An economic 'emergency'? Israel's high-tech exports down by one third
On Tuesday, Central Bureau of Statistics published particularly alarming export data, which show an annualized 13% drop in exports in February-April 2014, after a 1.3% annualized increase in November-January. Industrial exports - Israel's growth engine - fell at the same rate.
More worrying, high-tech exports, which account for 44% of industrial exports excluding diamonds, fell by an annualized 5.4% in February-April, after rising by an annualized 15% in the three preceding months.
In seasonally-adjusted figures, high-tech exports fell 33% between February and April. Mixed-high tech exports (36% of industrial exports) fell by an annualized 18% in February-April, driven by a 26% drop in exports of chemicals and chemical products.
"This is an emergency, which requires an immediate response to stem the slide. The responsibility for dealing with the crisis is on the shoulders of the government and the Bank of Israel," saidManufacturers Association of Israel president Zvika Oren. "So long as the shekel strengthens, industrial exports will continue to fall along with the competitiveness of the Israeli economy. Manufacturing in Israel will contract, costing jobs. Since the beginning of the year, almost 800 manufacturing employee have been fired. If nothing is done to stem the slide, the crisis will only worsen."

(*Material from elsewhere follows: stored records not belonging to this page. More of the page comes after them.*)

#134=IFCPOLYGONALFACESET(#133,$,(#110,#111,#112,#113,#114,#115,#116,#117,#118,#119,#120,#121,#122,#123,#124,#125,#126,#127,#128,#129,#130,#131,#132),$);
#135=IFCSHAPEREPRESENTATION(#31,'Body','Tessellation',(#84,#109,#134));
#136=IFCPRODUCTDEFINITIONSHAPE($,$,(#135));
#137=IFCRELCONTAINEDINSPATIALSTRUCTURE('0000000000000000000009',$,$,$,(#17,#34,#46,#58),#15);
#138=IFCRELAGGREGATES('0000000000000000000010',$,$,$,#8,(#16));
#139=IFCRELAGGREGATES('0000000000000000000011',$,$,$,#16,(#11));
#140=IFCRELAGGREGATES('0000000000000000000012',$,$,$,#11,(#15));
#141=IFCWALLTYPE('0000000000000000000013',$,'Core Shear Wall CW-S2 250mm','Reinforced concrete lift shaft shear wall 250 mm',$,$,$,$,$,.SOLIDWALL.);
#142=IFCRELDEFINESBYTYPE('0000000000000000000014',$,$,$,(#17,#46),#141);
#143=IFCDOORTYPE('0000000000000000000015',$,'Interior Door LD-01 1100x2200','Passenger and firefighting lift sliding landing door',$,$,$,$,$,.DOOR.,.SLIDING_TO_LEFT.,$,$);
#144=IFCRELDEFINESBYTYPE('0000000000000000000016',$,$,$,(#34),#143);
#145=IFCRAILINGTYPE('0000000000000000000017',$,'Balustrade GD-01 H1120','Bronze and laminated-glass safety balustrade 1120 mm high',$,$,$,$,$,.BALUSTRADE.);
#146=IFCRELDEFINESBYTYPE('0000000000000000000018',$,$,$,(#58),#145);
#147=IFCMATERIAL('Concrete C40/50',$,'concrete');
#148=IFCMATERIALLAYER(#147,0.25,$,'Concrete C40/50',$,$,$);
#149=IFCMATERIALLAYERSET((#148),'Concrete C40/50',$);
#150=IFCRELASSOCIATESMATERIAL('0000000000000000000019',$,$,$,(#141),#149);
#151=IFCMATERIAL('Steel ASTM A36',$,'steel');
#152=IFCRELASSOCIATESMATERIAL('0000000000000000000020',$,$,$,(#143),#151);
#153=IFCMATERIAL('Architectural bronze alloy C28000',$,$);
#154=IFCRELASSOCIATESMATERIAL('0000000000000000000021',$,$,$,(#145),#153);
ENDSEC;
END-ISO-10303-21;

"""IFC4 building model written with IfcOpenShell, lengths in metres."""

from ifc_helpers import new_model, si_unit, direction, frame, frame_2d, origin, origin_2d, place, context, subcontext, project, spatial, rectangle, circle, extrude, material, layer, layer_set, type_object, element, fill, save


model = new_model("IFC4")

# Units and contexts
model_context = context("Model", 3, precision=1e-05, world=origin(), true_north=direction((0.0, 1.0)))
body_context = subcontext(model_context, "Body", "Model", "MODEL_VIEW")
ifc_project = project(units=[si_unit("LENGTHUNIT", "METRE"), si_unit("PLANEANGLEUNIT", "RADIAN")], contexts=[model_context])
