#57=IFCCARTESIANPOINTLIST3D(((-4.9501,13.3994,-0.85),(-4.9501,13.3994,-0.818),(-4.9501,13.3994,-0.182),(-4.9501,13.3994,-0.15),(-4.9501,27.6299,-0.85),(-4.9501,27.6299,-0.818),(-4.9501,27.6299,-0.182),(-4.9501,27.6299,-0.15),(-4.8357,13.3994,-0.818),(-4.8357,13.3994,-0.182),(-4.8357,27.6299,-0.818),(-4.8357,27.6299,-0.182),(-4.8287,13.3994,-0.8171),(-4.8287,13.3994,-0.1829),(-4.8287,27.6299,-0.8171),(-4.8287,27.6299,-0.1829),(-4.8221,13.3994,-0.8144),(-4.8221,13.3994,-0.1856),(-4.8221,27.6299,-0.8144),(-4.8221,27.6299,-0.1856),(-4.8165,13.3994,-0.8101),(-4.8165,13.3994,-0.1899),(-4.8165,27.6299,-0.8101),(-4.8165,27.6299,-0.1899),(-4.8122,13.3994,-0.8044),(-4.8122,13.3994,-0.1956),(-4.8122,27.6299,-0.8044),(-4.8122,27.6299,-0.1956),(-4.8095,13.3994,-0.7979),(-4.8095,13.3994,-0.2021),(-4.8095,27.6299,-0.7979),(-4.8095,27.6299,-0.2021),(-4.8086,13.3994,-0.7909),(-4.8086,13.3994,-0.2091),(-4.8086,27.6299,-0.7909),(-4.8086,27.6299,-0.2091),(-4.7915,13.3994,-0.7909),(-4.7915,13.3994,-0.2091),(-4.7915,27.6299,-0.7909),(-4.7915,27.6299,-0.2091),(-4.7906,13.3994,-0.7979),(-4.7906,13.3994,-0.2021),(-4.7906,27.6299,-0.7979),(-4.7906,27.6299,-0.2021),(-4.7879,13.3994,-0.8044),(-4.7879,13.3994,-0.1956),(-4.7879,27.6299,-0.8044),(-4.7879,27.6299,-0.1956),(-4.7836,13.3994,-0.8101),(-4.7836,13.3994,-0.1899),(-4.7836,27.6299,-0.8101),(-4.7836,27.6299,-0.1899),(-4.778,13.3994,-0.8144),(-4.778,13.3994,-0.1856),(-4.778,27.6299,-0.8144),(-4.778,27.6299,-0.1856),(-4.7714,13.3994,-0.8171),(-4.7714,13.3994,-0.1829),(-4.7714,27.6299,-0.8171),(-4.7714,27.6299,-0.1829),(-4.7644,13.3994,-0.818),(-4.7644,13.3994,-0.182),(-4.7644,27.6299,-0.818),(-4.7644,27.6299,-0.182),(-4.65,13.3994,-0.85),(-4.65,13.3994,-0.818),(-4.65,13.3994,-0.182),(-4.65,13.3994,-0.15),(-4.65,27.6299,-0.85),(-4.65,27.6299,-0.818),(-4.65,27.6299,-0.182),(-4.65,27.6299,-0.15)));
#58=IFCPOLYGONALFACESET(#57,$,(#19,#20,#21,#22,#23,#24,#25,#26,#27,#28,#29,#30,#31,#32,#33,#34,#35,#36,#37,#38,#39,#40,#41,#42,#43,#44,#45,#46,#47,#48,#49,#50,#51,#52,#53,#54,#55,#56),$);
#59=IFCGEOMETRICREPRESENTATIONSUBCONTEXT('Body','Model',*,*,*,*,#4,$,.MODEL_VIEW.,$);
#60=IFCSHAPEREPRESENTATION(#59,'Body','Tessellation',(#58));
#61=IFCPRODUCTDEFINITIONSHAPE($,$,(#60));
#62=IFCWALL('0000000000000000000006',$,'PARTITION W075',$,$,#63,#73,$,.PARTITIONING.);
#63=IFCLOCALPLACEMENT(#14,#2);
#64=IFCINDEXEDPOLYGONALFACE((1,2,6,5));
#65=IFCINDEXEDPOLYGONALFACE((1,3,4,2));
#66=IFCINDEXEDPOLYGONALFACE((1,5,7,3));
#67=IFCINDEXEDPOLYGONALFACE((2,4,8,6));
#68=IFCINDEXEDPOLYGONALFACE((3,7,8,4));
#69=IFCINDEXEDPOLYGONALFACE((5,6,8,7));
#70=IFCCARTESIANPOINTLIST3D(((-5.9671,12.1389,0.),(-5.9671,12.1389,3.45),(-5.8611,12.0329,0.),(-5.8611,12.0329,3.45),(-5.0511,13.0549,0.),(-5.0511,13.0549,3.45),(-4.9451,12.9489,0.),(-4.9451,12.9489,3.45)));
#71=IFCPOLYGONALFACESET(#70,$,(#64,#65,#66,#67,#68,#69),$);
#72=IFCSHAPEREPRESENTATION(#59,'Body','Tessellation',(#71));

Oren again called on the government to take urgent action to restrain the shekel through massive purchases of dollars. He said that the government and the Bank of Israel should set the shekel-dollar exchange rate at NIS 3.80/$, similar to actions taken by the Czech Republic and Switzerland.
On Monday, Bank of Israel Market Operations Department director Andrew Abir, who is responsible for dollar purchases, hinted that the central bank would not change its current policy. "What is happening in the domestic foreign exchange market is only part of the picture. The international foreign exchange market is very volatile - its fluctuations are sometimes much sharper than those of the shekel/dollar rate. A business owner needs to consider precisely what currencies are relevant to his business, and what currencies are relevant to his competitors."
Bank of Israel officials told "Globes" last week that the strong shekel was a direct consequence of the dollar's weakness on international markets, and drew attention to the dollar-euro exchange rate. They again stressed that the reference point for setting policy is not the dollar, but the real effective exchange rate (the basket of currencies of Israel's trading partners), which has not changed much since August 2013.